Tailoring agarose fluid gels for use in suspension bath bioprinting and culture of spheroid-based bioinks.
Journal Article
Overview
abstract
Suspension bath bioprinting, whereby bioinks are extruded into a yield stress bath with rapid recovery from shearing, has enabled the printing of low viscosity bioinks into constructs with high geometric complexity. This is particularly useful for soft materials, such as bioinks of cells and hydrogel precursors or even those comprised of cells alone (e.g., cell suspensions, cell spheroids). Previous studies have often relied upon external stabilization of the suspension bath (e.g., thermally crosslinking collagen or basement membrane extract) in order to culture soft materials without loss of printed structure. Here, we report a systematic investigation of suspension bath properties that support the printing, fusion, and culture of spheroid-only bioinks without any external stabilization. Specifically, agarose fluid gel suspension baths of varied polymer concentrations and dilutions were produced and characterized morphologically and rheologically. Juvenile bovine chondrocytes were formed into spheroids of ~150 µm in diameter and their fusion was investigated across the suspension baths in hanging drop cultures. Suspension baths of lower polymer concentrations and increased dilution enabled faster spheroid fusion.

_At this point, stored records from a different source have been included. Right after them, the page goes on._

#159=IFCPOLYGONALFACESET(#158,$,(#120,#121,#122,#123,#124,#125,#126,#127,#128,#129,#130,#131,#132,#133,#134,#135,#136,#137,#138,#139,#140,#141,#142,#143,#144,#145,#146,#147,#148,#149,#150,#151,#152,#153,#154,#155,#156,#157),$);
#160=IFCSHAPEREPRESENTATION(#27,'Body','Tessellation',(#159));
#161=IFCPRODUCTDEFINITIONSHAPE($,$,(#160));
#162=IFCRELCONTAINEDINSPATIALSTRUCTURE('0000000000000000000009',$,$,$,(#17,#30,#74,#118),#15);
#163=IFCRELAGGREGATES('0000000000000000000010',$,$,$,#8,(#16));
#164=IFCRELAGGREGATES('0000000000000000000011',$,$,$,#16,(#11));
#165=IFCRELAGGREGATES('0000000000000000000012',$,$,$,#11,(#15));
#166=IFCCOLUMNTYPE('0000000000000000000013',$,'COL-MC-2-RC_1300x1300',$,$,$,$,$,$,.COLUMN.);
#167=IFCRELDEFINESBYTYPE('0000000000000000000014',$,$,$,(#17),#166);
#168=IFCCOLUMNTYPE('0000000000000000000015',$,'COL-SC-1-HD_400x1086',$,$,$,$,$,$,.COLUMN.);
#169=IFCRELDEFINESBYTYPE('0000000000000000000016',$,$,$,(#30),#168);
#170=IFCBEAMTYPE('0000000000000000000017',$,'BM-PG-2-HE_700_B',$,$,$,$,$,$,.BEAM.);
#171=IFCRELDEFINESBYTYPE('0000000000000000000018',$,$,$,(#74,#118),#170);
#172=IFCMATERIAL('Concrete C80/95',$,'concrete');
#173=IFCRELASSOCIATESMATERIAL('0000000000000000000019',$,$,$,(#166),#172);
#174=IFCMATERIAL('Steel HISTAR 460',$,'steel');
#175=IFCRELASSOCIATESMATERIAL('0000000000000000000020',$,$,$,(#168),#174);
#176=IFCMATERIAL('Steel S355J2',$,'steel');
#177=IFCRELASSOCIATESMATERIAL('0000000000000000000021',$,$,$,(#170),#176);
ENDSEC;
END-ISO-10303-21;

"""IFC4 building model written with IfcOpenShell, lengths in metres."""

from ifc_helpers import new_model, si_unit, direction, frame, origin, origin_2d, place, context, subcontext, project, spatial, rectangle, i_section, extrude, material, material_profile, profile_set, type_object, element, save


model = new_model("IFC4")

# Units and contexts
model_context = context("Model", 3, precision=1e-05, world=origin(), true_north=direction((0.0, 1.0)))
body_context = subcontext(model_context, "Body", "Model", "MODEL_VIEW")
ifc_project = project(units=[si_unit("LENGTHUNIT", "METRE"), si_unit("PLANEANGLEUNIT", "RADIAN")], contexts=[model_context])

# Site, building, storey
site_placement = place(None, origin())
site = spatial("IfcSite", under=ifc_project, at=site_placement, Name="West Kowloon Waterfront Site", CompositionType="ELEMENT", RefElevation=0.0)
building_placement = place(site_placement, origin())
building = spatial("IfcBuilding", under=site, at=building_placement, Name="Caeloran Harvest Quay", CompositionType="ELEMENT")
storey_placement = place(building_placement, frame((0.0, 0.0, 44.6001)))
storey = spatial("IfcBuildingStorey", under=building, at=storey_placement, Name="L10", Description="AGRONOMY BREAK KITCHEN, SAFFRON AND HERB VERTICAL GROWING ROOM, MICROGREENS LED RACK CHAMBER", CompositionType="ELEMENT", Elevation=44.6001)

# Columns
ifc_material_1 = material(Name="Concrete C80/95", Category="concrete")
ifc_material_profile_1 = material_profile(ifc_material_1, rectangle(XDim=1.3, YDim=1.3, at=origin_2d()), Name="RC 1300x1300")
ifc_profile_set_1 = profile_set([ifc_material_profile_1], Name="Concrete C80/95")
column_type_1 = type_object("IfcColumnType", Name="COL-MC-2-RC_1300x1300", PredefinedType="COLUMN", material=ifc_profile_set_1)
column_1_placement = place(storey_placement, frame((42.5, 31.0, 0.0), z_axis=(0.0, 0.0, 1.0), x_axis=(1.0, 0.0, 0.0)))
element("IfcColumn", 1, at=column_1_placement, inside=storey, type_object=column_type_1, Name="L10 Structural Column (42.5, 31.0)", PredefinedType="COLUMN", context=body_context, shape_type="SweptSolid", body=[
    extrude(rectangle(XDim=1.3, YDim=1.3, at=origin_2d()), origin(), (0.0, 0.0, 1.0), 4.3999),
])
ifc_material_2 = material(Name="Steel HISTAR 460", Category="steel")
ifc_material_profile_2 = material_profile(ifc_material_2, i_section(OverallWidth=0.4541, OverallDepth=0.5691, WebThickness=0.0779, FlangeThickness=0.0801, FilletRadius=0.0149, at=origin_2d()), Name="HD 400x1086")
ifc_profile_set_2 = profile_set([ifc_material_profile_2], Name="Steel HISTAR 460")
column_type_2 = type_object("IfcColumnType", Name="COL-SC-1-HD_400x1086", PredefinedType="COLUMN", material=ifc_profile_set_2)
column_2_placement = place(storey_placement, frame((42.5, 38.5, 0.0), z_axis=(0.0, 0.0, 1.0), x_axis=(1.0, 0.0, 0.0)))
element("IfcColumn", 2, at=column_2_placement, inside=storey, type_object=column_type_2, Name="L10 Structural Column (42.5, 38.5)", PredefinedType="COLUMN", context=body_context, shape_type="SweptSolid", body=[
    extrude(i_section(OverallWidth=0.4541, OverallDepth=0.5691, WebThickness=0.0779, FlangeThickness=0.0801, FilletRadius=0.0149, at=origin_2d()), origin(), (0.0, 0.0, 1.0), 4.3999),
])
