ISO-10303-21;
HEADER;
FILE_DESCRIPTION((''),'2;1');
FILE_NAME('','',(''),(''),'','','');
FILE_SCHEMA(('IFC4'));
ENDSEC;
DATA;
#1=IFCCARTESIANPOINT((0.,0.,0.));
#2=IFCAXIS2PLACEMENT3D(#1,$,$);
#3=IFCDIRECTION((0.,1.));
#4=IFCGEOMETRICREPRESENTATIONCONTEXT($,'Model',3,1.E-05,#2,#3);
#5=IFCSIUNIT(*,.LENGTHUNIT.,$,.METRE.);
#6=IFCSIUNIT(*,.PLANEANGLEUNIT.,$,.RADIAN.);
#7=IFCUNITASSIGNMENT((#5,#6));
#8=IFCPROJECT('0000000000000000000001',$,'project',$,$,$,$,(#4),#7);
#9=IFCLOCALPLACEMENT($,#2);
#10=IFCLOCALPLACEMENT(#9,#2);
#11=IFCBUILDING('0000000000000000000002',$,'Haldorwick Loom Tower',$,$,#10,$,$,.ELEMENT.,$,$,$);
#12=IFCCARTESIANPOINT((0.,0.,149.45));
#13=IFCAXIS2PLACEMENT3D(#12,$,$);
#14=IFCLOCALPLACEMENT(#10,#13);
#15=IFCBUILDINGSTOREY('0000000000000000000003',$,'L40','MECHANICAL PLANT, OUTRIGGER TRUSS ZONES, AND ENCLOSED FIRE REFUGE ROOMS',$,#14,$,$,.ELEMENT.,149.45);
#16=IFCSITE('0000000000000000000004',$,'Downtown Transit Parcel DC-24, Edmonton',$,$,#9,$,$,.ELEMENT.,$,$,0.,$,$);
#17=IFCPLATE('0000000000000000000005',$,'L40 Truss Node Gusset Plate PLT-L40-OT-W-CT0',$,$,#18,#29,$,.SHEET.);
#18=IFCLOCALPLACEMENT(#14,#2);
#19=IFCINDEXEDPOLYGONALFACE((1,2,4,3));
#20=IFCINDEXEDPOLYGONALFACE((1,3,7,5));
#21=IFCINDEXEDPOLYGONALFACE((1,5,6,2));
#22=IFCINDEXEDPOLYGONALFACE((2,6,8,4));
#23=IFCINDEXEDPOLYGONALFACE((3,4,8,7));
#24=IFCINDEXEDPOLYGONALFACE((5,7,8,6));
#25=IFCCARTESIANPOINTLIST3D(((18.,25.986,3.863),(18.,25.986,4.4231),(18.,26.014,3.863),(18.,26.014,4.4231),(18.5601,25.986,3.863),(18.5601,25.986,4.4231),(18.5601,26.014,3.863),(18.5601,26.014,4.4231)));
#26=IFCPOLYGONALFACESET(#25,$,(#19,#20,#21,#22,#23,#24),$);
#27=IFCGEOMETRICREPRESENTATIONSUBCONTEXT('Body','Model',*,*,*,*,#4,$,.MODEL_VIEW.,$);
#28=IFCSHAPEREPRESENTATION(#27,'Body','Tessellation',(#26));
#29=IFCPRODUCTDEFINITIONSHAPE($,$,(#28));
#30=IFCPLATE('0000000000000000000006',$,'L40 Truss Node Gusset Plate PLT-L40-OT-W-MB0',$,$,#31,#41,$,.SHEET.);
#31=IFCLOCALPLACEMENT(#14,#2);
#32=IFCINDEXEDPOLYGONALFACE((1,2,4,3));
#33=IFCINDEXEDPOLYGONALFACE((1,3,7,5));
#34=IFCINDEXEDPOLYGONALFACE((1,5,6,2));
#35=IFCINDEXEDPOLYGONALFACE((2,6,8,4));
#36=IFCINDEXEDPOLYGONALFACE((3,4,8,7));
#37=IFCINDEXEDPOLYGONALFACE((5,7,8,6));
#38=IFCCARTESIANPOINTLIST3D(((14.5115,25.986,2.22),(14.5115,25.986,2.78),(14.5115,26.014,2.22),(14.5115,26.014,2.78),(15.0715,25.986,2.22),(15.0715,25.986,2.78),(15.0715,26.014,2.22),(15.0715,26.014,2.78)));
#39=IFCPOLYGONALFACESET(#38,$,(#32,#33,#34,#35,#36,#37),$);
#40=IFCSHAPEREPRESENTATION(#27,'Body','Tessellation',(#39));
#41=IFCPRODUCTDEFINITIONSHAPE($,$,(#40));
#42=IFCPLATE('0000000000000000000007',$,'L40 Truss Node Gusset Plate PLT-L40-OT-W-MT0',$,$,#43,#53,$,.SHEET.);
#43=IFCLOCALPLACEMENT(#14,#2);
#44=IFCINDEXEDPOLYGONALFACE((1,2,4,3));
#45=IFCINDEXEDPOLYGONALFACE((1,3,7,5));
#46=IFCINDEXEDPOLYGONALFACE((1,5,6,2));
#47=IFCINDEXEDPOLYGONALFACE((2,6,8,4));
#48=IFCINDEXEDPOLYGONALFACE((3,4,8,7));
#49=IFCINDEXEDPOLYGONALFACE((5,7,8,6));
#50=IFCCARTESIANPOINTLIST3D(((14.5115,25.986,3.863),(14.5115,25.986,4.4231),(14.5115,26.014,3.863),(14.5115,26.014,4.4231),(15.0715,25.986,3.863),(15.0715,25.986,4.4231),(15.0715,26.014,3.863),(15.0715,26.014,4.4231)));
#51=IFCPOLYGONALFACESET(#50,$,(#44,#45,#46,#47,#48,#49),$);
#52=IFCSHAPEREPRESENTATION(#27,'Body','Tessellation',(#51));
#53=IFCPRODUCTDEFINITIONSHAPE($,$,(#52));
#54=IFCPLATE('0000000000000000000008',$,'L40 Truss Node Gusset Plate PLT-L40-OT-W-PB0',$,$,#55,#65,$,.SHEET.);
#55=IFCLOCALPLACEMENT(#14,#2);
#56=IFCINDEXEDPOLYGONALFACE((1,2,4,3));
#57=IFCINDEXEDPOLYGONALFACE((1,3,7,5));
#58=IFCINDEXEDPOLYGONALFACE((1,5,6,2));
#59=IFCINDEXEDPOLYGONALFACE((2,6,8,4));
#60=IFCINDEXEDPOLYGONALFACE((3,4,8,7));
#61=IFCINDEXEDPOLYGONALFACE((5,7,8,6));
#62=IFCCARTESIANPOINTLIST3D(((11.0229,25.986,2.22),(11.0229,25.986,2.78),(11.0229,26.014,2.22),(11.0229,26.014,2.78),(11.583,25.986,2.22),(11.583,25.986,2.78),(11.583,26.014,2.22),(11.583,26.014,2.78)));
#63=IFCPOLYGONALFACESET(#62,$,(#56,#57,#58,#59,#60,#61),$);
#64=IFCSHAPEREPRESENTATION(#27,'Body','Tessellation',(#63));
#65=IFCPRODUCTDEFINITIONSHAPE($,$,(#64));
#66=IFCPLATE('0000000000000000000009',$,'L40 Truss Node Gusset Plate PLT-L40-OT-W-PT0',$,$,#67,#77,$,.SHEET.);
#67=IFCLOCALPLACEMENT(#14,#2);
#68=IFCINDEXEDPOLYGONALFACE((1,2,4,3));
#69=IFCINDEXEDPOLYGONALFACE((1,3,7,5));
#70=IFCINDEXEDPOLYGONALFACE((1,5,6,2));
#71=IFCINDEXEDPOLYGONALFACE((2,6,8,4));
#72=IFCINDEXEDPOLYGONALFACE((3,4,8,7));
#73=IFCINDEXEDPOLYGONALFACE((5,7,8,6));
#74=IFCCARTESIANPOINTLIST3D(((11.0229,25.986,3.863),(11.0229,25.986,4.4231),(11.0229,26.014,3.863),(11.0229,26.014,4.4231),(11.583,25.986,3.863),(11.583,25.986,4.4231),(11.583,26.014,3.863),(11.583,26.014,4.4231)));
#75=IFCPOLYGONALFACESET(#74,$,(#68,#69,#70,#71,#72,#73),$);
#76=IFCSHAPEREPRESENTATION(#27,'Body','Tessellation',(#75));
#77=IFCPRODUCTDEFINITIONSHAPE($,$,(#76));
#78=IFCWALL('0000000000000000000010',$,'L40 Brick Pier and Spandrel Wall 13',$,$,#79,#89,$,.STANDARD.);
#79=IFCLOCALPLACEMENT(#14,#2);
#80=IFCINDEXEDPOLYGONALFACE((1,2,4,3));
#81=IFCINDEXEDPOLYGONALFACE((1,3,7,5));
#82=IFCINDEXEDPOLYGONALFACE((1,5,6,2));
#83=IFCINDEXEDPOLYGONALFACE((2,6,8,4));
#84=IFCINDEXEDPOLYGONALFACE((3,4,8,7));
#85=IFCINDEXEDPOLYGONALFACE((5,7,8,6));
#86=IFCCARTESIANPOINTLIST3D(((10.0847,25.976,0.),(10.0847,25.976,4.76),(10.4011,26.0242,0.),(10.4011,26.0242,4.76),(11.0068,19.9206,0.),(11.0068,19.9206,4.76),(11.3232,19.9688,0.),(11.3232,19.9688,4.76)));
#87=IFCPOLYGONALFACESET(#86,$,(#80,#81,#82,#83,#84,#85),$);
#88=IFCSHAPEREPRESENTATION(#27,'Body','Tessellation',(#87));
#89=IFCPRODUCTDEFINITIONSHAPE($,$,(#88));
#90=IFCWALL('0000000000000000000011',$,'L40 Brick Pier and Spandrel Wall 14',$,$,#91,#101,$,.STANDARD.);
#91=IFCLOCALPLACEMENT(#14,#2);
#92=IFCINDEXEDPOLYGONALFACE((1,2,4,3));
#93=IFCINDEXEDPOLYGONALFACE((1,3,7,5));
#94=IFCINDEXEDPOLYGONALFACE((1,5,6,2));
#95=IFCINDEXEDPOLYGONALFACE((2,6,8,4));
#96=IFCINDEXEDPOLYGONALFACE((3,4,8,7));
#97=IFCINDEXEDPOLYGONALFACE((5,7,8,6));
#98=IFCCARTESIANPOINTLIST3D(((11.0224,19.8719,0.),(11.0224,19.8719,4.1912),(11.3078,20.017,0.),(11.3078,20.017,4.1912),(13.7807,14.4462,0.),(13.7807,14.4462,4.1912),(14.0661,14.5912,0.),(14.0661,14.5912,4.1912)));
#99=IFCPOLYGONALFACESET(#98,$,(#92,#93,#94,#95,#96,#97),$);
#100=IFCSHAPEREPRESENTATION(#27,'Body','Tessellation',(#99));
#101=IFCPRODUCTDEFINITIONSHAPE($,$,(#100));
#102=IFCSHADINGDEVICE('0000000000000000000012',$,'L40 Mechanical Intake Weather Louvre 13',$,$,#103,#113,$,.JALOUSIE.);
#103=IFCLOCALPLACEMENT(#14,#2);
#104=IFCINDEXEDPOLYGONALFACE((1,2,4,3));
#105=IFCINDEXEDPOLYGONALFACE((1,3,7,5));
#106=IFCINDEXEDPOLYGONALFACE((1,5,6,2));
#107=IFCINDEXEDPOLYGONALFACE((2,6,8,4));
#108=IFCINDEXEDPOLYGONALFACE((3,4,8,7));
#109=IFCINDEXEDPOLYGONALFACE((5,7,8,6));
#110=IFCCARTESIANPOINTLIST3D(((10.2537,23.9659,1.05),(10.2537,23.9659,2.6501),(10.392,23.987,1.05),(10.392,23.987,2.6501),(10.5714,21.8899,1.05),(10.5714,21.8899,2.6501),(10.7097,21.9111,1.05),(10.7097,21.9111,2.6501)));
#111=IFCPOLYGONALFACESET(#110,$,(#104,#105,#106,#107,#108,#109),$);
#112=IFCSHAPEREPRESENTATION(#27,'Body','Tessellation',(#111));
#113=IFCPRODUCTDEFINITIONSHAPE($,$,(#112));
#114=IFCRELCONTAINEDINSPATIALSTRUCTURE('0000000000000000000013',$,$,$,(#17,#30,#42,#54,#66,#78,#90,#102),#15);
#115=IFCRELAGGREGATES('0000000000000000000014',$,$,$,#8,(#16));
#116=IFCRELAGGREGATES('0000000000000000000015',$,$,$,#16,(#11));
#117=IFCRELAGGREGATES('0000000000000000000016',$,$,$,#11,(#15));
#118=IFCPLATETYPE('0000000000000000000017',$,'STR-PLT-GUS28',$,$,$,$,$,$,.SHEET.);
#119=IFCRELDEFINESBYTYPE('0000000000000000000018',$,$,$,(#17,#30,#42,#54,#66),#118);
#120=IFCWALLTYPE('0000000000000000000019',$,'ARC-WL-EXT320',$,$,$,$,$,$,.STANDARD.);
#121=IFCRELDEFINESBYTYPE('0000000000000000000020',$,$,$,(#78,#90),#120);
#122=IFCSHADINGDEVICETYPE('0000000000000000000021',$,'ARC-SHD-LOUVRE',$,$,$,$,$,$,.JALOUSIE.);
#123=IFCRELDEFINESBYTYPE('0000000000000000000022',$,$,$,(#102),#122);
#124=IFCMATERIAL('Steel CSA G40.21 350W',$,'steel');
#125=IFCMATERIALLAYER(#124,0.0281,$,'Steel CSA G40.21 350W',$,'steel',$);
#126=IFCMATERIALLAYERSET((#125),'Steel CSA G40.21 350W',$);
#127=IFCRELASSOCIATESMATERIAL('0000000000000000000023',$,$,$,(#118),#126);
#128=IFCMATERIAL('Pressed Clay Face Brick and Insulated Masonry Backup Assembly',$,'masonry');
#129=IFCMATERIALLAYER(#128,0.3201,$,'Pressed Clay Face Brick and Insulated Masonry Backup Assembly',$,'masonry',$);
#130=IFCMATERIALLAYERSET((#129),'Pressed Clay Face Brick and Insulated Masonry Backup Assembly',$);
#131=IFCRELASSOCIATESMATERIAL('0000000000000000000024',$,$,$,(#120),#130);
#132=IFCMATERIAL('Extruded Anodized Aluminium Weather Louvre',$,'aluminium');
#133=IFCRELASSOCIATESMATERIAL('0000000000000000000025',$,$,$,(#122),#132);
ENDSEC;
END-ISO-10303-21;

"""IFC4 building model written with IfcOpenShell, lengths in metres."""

from ifc_helpers import new_model, si_unit, direction, frame, frame_2d, origin, origin_2d, place, context, subcontext, project, spatial, rectangle, extrude, material, layer, layer_set, type_object, element, save


model = new_model("IFC4")

# Units and contexts
model_context = context("Model", 3, precision=1e-05, world=origin(), true_north=direction((0.0, 1.0)))
body_context = subcontext(model_context, "Body", "Model", "MODEL_VIEW")
ifc_project = project(units=[si_unit("LENGTHUNIT", "METRE"), si_unit("PLANEANGLEUNIT", "RADIAN")], contexts=[model_context])

# Site, building, storey
site_placement = place(None, origin())
site = spatial("IfcSite", under=ifc_project, at=site_placement, Name="Downtown Transit Parcel DC-24, Edmonton", CompositionType="ELEMENT", RefElevation=0.0)
building_placement = place(site_placement, origin())
building = spatial("IfcBuilding", under=site, at=building_placement, Name="Haldorwick Loom Tower", CompositionType="ELEMENT")
storey_placement = place(building_placement, frame((0.0, 0.0, 149.45)))
storey = spatial("IfcBuildingStorey", under=building, at=storey_placement, Name="L40", Description="MECHANICAL PLANT, OUTRIGGER TRUSS ZONES, AND ENCLOSED FIRE REFUGE ROOMS", CompositionType="ELEMENT", Elevation=149.45)

# Shared definitions
ifc_material_1 = material(Name="Steel CSA G40.21 350W", Category="steel")

# Plates
ifc_layer_1 = layer(ifc_material_1, 0.0281, Name="Steel CSA G40.21 350W", Category="steel")
ifc_layer_set_1 = layer_set([ifc_layer_1], Name="Steel CSA G40.21 350W")
plate_type = type_object("IfcPlateType", Name="STR-PLT-GUS28", PredefinedType="SHEET", material=ifc_layer_set_1)
for number, where, z_axis, x_axis, name in (
    (1, (18.28, 26.0, 3.863), (0.0, 0.0, 1.0), (-1.0, 0.0, 0.0), "L40 Truss Node Gusset Plate PLT-L40-OT-W-CT0"),
    (2, (14.7915, 26.0, 2.22), (0.0, 0.0, 1.0), (-1.0, 0.0, 0.0), "L40 Truss Node Gusset Plate PLT-L40-OT-W-MB0"),
    (3, (14.7915, 26.0, 3.863), (0.0, 0.0, 1.0), (-1.0, 0.0, 0.0), "L40 Truss Node Gusset Plate PLT-L40-OT-W-MT0"),
    (4, (11.303, 26.0, 2.22), (0.0, 0.0, 1.0), (-1.0, 0.0, 0.0), "L40 Truss Node Gusset Plate PLT-L40-OT-W-PB0"),
    (5, (11.303, 26.0, 3.863), (0.0, 0.0, 1.0), (-1.0, 0.0, 0.0), "L40 Truss Node Gusset Plate PLT-L40-OT-W-PT0"),
):
    element("IfcPlate", number, at=place(storey_placement, frame(where, z_axis=z_axis, x_axis=x_axis)), inside=storey, type_object=plate_type, Name=name, PredefinedType="SHEET", context=body_context, shape_type="SweptSolid", body=[
        extrude(rectangle(XDim=0.5601, YDim=0.0281, at=origin_2d()), origin(), (0.0, 0.0, 1.0), 0.5601),
    ])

Further, spheroids were jammed by centrifugation into a paste-like bioink and printed into the agarose fluid gel suspension baths and cultured. The most heavily diluted suspension bath was unable to maintain print fidelity, whereas other formulations supported the printing, fusion, and culture of spheroid inks. These findings help to inform the design of suspension baths for bioprinting and culture without the use of external stabilization.